# Help! Could she be pregnant? ** update **



## Casey76 (Jun 11, 2008)

I am currently fostering a female kitten, age estimated to be 6-9 months, though very petite, after she and her brother were abandoned at the local stables about 4 weeks ago.

Over the past couple of weeks her demeanour has changed, and she prefers to sleep in the bathroom on the bed underneath the heater, which is on all the time, and she has become a little grumpy.

Tonight I noticed her nipples looked pointy and more obvious than my other female cats



















Could she be pregnant?


----------



## BotanyBlack (Apr 6, 2011)

She could be.
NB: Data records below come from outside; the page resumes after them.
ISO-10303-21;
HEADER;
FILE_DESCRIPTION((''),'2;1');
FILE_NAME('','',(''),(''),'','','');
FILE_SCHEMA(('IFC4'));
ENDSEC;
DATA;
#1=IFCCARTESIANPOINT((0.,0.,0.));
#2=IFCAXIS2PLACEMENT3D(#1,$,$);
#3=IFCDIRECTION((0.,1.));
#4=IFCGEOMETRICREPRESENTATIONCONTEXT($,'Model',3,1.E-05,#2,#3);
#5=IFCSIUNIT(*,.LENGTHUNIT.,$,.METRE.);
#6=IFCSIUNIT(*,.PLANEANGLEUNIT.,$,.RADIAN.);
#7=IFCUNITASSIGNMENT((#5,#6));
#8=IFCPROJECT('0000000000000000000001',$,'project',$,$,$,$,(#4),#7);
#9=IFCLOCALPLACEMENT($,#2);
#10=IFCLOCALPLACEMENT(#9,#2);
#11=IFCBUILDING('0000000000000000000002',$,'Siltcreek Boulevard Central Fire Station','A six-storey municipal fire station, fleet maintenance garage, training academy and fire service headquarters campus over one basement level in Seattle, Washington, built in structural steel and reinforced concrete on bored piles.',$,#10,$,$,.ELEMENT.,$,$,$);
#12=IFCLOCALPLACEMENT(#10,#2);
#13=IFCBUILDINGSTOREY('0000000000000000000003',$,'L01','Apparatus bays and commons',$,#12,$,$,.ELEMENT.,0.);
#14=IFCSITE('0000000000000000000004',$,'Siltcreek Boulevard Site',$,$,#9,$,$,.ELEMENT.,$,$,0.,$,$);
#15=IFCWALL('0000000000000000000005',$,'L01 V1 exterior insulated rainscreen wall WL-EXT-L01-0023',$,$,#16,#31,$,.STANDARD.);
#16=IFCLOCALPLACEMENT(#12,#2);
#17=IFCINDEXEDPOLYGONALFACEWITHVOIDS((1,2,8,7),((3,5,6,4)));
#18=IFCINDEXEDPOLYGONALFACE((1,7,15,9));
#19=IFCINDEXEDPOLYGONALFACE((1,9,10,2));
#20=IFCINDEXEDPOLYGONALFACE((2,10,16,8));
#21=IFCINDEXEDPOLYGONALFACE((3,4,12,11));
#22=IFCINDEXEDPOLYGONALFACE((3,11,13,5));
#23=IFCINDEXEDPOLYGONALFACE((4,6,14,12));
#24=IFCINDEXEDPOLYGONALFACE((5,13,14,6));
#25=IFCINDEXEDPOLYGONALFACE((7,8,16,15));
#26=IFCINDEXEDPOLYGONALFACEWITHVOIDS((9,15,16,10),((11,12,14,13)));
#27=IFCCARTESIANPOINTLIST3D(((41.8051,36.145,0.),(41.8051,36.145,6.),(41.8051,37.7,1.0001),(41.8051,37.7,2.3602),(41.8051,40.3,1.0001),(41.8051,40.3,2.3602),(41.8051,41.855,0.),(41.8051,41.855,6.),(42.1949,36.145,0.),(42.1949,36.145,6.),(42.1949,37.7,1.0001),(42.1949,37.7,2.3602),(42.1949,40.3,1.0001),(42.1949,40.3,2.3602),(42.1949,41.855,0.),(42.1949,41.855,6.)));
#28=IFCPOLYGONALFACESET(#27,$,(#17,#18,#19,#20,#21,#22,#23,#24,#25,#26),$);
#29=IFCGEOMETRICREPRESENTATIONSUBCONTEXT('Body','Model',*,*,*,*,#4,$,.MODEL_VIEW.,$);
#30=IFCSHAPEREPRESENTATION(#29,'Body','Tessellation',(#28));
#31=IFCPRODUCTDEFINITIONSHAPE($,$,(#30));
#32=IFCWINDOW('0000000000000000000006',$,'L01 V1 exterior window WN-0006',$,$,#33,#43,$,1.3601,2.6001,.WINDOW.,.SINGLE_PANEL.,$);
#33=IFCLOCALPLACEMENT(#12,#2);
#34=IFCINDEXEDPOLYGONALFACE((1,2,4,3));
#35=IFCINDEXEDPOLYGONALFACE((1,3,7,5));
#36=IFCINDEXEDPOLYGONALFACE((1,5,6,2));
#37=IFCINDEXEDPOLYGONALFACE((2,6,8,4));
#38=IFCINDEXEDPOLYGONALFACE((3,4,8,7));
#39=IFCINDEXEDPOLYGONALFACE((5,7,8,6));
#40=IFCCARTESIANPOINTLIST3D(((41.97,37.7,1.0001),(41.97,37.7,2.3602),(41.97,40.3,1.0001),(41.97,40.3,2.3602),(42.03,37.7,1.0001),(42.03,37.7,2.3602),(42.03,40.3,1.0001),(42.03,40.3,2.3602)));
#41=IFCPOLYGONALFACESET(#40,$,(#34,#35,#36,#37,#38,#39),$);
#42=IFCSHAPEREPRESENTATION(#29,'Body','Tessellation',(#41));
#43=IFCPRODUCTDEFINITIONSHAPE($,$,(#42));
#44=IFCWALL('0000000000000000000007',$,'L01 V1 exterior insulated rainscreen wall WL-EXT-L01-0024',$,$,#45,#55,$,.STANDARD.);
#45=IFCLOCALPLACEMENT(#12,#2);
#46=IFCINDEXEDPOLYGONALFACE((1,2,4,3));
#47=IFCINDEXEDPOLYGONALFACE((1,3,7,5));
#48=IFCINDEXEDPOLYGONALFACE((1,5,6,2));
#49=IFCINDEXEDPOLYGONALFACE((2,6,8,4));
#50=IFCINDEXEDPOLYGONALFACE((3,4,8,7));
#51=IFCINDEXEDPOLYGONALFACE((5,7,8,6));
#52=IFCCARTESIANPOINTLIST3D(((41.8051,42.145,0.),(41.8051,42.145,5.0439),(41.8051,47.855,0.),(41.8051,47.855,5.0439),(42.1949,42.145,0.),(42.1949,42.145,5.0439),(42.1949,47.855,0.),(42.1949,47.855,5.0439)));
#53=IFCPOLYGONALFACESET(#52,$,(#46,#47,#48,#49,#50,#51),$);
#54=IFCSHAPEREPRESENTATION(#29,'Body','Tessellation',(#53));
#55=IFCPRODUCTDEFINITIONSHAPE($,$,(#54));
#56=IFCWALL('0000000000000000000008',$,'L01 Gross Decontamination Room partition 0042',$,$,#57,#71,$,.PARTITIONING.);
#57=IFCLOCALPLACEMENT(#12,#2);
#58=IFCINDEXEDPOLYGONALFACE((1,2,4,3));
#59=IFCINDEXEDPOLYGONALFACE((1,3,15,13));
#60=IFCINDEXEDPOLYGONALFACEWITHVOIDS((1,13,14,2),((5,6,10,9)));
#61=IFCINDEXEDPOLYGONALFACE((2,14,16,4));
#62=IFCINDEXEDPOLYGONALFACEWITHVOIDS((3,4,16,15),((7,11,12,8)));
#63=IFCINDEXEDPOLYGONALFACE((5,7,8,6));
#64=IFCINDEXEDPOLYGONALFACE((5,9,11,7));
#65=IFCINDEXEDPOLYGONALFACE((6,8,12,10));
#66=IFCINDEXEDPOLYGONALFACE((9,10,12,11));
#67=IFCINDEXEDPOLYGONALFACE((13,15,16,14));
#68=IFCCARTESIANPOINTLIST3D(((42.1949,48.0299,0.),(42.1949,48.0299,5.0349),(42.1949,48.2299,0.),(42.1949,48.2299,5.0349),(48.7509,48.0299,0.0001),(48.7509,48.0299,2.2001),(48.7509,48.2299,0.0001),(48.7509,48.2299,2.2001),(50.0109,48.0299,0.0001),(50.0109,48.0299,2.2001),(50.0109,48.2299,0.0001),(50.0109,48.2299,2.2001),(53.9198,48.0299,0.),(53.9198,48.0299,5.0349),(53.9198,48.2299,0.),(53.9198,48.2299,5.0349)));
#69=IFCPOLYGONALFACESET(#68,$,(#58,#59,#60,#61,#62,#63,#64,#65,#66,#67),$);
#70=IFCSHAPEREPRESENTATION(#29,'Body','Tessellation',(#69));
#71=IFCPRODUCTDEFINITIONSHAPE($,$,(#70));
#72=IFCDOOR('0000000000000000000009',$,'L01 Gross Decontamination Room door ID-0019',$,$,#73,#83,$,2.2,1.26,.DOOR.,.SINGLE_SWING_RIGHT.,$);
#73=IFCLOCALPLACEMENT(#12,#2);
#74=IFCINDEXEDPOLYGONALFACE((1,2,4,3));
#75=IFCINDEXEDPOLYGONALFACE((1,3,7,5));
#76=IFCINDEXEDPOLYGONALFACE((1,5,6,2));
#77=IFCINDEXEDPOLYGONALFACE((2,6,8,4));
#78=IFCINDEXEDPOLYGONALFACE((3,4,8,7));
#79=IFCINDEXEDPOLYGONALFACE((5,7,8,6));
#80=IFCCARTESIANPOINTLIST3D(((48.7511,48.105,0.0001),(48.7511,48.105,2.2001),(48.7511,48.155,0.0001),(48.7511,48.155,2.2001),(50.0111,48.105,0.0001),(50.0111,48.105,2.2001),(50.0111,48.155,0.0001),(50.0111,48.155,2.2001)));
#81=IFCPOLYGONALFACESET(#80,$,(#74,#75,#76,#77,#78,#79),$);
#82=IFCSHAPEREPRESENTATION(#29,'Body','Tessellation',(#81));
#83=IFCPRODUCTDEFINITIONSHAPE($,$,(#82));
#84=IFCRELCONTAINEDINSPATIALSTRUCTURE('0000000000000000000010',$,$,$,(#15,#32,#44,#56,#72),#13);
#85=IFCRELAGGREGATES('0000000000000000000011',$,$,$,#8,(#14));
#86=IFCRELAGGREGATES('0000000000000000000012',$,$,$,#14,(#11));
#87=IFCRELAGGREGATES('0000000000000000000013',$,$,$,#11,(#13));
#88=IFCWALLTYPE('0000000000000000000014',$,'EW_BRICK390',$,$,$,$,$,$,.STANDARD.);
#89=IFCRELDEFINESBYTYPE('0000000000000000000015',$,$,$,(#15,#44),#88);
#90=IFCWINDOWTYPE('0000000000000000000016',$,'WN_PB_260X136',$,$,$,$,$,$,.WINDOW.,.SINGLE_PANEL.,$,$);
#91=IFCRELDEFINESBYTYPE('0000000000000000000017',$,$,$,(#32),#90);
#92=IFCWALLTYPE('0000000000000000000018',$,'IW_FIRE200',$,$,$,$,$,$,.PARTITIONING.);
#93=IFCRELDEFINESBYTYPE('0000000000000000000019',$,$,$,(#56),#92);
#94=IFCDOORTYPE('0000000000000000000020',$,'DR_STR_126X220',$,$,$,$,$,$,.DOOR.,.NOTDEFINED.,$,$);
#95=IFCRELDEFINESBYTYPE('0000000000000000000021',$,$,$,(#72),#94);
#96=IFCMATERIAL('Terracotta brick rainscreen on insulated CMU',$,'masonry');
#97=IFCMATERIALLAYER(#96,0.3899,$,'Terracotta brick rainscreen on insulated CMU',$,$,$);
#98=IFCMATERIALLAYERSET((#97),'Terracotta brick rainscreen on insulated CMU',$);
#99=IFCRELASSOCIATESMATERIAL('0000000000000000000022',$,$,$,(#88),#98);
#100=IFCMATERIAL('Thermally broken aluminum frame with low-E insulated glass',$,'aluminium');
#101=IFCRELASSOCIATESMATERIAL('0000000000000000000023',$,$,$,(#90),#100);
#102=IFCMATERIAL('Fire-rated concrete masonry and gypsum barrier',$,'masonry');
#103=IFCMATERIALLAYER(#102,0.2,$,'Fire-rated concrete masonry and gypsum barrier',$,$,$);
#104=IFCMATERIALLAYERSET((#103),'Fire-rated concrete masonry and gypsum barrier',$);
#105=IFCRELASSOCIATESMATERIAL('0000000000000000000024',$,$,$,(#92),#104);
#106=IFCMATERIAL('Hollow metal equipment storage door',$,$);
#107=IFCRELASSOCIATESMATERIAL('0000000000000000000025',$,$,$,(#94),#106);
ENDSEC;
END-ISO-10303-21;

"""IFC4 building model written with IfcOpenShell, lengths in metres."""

from ifc_helpers import new_model, si_unit, direction, frame, frame_2d, origin, place, context, subcontext, project, spatial, rectangle, extrude, material, layer, layer_set, type_object, element, fill, save


model = new_model("IFC4")

# Units and contexts
model_context = context("Model", 3, precision=1e-05, world=origin(), true_north=direction((0.0, 1.0)))
body_context = subcontext(model_context, "Body", "Model", "MODEL_VIEW")
ifc_project = project(units=[si_unit("LENGTHUNIT", "METRE"), si_unit("PLANEANGLEUNIT", "RADIAN")], contexts=[model_context])

# Site, building, storey
site_placement = place(None, origin())
site = spatial("IfcSite", under=ifc_project, at=site_placement, Name="Siltcreek Boulevard Site", CompositionType="ELEMENT", RefElevation=0.0)
building_placement = place(site_placement, origin())
building = spatial("IfcBuilding", under=site, at=building_placement, Name="Siltcreek Boulevard Central Fire Station", Description="A six-storey municipal fire station, fleet maintenance garage, training academy and fire service headquarters campus over one basement level in Seattle, Washington, built in structural steel and reinforced concrete on bored piles.", CompositionType="ELEMENT")
storey_placement = place(building_placement, origin())
storey = spatial("IfcBuildingStorey", under=building, at=storey_placement, Name="L01", Description="Apparatus bays and commons", CompositionType="ELEMENT", Elevation=0.0)

# Wall, opening, window
ifc_material_1 = material(Name="Terracotta brick rainscreen on insulated CMU", Category="masonry")
ifc_layer_1 = layer(ifc_material_1, 0.3899, Name="Terracotta brick rainscreen on insulated CMU")
ifc_layer_set_1 = layer_set([ifc_layer_1], Name="Terracotta brick rainscreen on insulated CMU")
wall_type_1 = type_object("IfcWallType", Name="EW_BRICK390", PredefinedType="STANDARD", material=ifc_layer_set_1)
wall_1_placement = place(storey_placement, frame((42.0, 41.855, 0.0), z_axis=(0.0, 0.0, 1.0), x_axis=(0.0, -1.0, 0.0)))
wall_1 = element("IfcWall", 1, at=wall_1_placement, inside=storey, type_object=wall_type_1, Name="L01 V1 exterior insulated rainscreen wall WL-EXT-L01-0023", PredefinedType="STANDARD", context=body_context, shape_type="SweptSolid", body=[
    extrude(rectangle(XDim=5.71, YDim=0.3899, at=frame_2d((2.855, 0.0))), origin(), (0.0, 0.0, 1.0), 6.0),
])
opening_1_placement = place(wall_1_placement, frame((1.5549, 0.0, 1.0)))
opening_1 = element("IfcOpeningElement", 2, at=opening_1_placement, cuts=wall_1, PredefinedType="OPENING", context=body_context, shape_type="SweptSolid", body=[
    extrude(rectangle(XDim=2.6001, YDim=1.3601, at=frame_2d((1.3, 0.6802))), frame((0.0, 0.2048, 0.0), z_axis=(0.0, -1.0, 0.0), x_axis=(1.0, 0.0, 0.0)), (0.0, 0.0, 1.0), 0.4099),
])
ifc_material_2 = material(Name="Thermally broken aluminum frame with low-E insulated glass", Category="aluminium")
window_type = type_object("IfcWindowType", Name="WN_PB_260X136", PartitioningType="SINGLE_PANEL", PredefinedType="WINDOW", material=ifc_material_2)
window_placement = place(opening_1_placement, origin())
window = element("IfcWindow", 3, at=window_placement, inside=storey, type_object=window_type, Name="L01 V1 exterior window WN-0006", OverallHeight=1.3601, OverallWidth=2.6001, PartitioningType="SINGLE_PANEL", PredefinedType="WINDOW", context=body_context, shape_type="SweptSolid", body=[
    extrude(rectangle(XDim=2.6001, YDim=1.3601, at=frame_2d((1.3, 0.6802))), frame((0.0, 0.03, 0.0), z_axis=(0.0, -1.0, 0.0), x_axis=(1.0, 0.0, 0.0)), (0.0, 0.0, 1.0), 0.0601),
])
fill(opening_1, window)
Can't say for sure, but I have seen ferals and abandoned cats pregnant at 5 months... 


If she is a foster, I would call who ever you foster for and see about the possibility of a spay. Since you asking makes me assume she cannot be already.


----------



## Casey76 (Jun 11, 2008)

Sorry for the confusion. I don't foster through an agency. It was to differentiate from my permanent residents. She and her brother were abandoned in my village, so I'm looking after them until I can rehome them.


----------



## BotanyBlack (Apr 6, 2011)

AHH ok. LOL That is very nice of you to take them in! At her age it is possible. Though I have had fosters that have odd shaped nipples that were spayed. I had one that had hairless and prominent nipples and she had NEVER been pregnant. Only way to tell is time or a vet visit. Lots of luck with them.


----------



## Arianwen (Jun 3, 2012)

She is old enough to be pregnant but a vet could say for sure.


----------



## catloverami (Jul 5, 2010)

Her nipples look like she could be pregnant, but usually they turn pink around the third week.....so maybe???


----------



## Casey76 (Jun 11, 2008)

Just a quick update. We've been to the vet, and she is, in fact, very pregnant! Due in 10-15 days.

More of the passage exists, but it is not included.